Learn how to build a simple Optical Character Recognition (OCR) system using OpenCV-Python to recognize handwritten digits with ease.
This code snippet demonstrates a simple optical character recognition (OCR) process for recognizing handwritten digits in an image. It utilizes OpenCV for image processing and a pre-trained machine learning model for digit classification.
import cv2
import numpy as np
image = cv2.imread('image.jpg')
gray = cv2.cvtColor(image, cv2.COLOR_BGR2GRAY)

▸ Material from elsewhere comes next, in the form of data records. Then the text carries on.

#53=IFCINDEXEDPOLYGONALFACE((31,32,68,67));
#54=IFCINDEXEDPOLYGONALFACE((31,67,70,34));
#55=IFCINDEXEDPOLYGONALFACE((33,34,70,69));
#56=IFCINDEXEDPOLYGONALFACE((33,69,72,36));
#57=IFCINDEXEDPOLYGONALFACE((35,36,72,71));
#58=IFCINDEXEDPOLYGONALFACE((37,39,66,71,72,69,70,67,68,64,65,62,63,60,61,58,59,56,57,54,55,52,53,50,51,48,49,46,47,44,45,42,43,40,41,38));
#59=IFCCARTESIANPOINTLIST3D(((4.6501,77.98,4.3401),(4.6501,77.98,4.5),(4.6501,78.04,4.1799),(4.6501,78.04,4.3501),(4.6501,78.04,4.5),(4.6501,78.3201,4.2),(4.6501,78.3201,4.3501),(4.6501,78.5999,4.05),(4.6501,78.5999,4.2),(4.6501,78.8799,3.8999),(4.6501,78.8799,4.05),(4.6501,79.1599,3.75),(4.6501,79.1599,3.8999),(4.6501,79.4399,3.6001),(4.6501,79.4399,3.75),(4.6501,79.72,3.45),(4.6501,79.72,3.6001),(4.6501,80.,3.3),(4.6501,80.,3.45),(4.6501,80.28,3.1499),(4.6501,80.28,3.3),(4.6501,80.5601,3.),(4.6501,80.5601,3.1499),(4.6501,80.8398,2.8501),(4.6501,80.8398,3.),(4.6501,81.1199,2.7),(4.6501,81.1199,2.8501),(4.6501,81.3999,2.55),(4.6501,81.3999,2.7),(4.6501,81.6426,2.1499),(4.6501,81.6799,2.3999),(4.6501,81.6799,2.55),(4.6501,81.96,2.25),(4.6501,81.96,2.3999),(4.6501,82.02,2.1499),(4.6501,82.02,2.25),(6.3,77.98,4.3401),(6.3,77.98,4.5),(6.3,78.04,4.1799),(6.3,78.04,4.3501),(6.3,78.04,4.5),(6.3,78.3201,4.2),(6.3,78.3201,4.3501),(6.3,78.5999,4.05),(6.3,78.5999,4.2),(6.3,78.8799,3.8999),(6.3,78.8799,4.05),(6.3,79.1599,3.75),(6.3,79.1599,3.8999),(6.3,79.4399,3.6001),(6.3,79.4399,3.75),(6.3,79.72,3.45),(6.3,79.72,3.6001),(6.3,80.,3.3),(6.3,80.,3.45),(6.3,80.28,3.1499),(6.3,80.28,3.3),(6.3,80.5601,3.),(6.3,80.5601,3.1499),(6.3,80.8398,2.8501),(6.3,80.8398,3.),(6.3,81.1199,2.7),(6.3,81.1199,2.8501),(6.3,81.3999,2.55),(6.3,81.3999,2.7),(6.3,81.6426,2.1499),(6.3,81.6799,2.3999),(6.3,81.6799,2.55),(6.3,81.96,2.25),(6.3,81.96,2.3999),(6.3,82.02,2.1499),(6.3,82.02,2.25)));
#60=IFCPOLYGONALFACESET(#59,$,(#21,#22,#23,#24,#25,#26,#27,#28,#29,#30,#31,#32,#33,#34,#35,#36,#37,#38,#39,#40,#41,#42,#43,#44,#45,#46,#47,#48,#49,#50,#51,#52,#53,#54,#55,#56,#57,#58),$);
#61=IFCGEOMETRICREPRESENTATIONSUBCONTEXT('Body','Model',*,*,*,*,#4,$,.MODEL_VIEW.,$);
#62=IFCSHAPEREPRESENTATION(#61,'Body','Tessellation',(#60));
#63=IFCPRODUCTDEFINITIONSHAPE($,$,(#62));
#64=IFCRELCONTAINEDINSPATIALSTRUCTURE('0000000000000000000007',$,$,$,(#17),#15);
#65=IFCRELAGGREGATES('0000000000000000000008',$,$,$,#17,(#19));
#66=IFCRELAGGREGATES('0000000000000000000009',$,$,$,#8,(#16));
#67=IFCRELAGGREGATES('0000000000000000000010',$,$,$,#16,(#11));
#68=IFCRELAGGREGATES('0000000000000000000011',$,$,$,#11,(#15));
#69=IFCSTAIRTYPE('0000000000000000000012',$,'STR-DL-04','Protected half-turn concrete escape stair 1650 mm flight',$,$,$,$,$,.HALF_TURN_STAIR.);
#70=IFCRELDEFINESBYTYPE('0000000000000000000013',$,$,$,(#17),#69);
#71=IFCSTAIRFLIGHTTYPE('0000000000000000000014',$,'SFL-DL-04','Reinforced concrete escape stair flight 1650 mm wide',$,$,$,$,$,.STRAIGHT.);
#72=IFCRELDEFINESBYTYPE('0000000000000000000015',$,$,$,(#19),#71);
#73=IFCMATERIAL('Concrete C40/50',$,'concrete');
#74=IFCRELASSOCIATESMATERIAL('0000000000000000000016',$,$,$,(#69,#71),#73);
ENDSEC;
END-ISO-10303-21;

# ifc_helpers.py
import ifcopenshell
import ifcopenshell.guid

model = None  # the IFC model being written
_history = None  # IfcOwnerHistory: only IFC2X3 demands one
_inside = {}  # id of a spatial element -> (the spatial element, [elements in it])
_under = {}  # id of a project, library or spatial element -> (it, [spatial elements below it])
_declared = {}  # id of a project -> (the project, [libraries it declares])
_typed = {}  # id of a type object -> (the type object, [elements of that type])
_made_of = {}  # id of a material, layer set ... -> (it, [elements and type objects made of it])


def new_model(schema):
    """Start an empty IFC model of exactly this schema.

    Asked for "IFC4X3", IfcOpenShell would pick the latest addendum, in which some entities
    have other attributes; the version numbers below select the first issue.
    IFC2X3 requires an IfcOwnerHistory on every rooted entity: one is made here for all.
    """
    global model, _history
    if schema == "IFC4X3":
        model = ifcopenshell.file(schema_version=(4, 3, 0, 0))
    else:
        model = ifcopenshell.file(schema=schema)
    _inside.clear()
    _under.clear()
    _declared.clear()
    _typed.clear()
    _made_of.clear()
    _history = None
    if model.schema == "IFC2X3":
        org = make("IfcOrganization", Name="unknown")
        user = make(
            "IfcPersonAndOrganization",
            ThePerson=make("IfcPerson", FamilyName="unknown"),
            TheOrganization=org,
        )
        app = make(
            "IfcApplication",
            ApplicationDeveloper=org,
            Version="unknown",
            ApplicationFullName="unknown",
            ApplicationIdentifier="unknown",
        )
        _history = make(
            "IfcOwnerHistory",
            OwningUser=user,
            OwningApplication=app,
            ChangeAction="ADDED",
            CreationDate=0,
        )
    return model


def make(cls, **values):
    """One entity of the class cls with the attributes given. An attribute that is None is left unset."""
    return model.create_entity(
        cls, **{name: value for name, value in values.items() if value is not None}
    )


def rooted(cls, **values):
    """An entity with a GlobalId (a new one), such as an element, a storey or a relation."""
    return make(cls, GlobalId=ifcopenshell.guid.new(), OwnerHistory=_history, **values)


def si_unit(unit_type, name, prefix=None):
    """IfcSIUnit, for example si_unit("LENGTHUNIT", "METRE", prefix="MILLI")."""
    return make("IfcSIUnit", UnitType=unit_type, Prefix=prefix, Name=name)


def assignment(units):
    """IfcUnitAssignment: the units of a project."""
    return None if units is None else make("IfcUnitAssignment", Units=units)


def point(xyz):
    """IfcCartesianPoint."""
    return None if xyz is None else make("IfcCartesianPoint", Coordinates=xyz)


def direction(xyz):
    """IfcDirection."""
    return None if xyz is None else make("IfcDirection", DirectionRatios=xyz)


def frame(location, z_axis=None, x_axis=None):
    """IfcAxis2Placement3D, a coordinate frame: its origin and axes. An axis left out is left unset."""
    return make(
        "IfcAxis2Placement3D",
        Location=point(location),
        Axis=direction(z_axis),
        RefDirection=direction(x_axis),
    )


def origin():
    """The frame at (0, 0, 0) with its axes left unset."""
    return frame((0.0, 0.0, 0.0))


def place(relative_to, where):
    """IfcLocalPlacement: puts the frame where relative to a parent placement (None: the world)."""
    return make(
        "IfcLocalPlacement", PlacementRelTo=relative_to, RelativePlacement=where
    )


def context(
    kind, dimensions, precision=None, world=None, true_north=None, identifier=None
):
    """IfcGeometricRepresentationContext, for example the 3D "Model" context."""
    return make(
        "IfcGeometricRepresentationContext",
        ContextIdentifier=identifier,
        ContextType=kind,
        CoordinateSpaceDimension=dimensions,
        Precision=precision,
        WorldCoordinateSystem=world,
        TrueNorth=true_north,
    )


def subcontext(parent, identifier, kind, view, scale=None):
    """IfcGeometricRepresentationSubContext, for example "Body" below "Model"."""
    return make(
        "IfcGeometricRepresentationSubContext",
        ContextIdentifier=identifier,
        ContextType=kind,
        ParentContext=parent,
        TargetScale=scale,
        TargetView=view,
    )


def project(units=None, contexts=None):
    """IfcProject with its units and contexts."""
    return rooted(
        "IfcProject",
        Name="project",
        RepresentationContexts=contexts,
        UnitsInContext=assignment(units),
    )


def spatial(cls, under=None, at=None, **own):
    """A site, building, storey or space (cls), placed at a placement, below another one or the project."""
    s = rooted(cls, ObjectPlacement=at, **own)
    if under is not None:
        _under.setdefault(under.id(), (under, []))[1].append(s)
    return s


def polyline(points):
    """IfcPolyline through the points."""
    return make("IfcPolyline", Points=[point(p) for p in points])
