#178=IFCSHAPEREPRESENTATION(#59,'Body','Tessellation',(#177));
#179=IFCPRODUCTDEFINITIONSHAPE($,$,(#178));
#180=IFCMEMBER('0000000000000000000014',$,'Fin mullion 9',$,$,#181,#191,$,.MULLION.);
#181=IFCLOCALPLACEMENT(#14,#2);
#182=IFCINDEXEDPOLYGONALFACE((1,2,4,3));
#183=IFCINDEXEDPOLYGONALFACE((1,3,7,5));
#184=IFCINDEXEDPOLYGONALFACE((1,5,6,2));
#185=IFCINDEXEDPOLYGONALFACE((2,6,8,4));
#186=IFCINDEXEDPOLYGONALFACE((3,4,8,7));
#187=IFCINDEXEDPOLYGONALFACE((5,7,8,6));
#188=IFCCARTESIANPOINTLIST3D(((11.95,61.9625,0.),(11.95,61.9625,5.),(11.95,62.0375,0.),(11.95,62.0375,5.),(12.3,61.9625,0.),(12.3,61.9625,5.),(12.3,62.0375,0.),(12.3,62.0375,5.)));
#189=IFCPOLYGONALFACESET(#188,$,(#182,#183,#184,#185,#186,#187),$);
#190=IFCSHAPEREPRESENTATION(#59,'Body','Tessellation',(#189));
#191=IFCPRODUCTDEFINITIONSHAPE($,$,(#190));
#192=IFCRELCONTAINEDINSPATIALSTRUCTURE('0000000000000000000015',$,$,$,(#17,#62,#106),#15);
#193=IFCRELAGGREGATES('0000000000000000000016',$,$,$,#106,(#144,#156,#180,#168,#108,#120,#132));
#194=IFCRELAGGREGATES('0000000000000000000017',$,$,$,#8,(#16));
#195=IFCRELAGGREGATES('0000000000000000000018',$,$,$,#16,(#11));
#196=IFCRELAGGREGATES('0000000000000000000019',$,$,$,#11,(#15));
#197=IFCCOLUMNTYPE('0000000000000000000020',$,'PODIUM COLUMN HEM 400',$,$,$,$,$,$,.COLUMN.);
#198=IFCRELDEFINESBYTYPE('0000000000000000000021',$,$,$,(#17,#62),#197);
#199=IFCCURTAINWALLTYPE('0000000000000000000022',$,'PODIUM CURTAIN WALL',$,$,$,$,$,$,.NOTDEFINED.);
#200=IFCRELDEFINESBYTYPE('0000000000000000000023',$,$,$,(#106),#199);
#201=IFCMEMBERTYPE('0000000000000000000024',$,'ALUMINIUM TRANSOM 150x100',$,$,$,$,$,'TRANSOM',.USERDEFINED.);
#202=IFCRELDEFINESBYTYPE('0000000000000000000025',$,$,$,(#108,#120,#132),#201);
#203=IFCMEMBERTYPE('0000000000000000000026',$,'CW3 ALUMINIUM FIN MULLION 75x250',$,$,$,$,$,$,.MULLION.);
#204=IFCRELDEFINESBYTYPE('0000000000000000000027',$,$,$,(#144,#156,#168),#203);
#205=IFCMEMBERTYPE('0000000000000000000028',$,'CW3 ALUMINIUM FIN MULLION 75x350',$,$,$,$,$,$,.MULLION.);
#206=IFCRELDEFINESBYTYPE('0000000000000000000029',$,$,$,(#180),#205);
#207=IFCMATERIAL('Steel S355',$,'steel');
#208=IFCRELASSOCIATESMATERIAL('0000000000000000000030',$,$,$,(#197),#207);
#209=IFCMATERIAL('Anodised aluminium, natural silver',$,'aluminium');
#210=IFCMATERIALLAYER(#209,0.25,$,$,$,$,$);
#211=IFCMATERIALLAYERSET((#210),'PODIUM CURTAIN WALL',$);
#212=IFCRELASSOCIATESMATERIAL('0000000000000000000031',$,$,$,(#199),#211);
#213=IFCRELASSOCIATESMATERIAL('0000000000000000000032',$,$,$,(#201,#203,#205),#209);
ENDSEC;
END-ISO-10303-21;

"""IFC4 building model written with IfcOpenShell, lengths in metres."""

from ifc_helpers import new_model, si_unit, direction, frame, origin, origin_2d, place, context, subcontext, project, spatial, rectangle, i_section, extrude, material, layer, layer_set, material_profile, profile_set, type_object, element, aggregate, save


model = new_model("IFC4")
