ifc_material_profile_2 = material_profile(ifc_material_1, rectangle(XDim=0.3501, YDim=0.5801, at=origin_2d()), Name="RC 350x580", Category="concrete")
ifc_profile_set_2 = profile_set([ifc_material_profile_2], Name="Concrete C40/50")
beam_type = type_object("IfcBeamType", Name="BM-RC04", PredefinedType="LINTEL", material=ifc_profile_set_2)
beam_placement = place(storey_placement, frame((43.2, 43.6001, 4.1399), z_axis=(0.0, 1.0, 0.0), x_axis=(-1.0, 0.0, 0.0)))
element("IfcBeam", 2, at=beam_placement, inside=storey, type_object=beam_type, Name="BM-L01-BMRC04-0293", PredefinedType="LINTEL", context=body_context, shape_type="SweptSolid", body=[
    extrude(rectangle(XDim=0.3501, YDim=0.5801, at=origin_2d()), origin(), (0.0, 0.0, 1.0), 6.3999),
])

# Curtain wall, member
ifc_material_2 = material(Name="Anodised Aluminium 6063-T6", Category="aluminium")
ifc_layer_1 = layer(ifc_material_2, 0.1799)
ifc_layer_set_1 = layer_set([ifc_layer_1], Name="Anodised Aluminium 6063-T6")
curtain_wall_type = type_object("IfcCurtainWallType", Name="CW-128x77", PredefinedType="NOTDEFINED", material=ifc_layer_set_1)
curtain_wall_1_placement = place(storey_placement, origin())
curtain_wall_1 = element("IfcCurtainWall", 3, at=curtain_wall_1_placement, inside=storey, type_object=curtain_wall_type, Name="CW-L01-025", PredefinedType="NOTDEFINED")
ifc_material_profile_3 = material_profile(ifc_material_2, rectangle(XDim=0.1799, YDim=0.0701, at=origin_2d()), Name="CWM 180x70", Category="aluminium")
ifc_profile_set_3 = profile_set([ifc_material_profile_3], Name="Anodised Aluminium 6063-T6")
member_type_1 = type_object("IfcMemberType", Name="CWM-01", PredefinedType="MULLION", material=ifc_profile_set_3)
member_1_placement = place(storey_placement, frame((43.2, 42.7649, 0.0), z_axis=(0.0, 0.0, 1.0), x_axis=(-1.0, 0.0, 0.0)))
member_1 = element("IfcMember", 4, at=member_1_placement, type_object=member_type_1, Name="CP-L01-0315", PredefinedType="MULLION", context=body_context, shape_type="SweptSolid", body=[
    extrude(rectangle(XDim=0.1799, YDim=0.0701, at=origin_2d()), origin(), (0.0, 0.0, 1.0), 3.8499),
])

thresh = cv2.threshold(gray, 0, 255, cv2.THRESH_BINARY_INV + cv2.THRESH_OTSU)[1]
cnts = cv2.findContours(thresh, cv2.RETR_EXTERNAL, cv2.CHAIN_APPROX_SIMPLE)
cnts = cnts[0] if len(cnts) == 2 else cnts[1]
for c in cnts:
x,y,w,h = cv2.boundingRect(c)
ROI = thresh[y:y+h, x:x+w]
# Resize the digit image to a standard size
ROI = cv2.resize(ROI, (28,28), interpolation=cv2.INTER_AREA)
# Flatten the image into a 1D array
ROI = ROI.reshape((1,784))
# Use a pre-trained model (e.g., KNN, SVM) to predict the digit
prediction = model.predict(ROI)
print("Predicted digit:", prediction)
cv2.imshow('Image', image)
cv2.waitKey(0)
Explanation:
This Python code performs handwritten digit recognition using a KNN classifier. It loads the MNIST dataset for training, preprocesses an input image to find digit contours, and then uses the trained KNN model to predict the digit in each contour. The predictions are then displayed on the original image.
import cv2
import numpy as np
from sklearn.neighbors import KNeighborsClassifier
# Load the pre-trained MNIST dataset
with np.load('mnist.npz') as data:
train_images = data['x_train']
train_labels = data['y_train']
# Flatten the images and normalize pixel values
train_images = train_images.reshape((60000, 784)) / 255.0
# Create a KNN classifier and train it on the MNIST dataset
model = KNeighborsClassifier(n_neighbors=5)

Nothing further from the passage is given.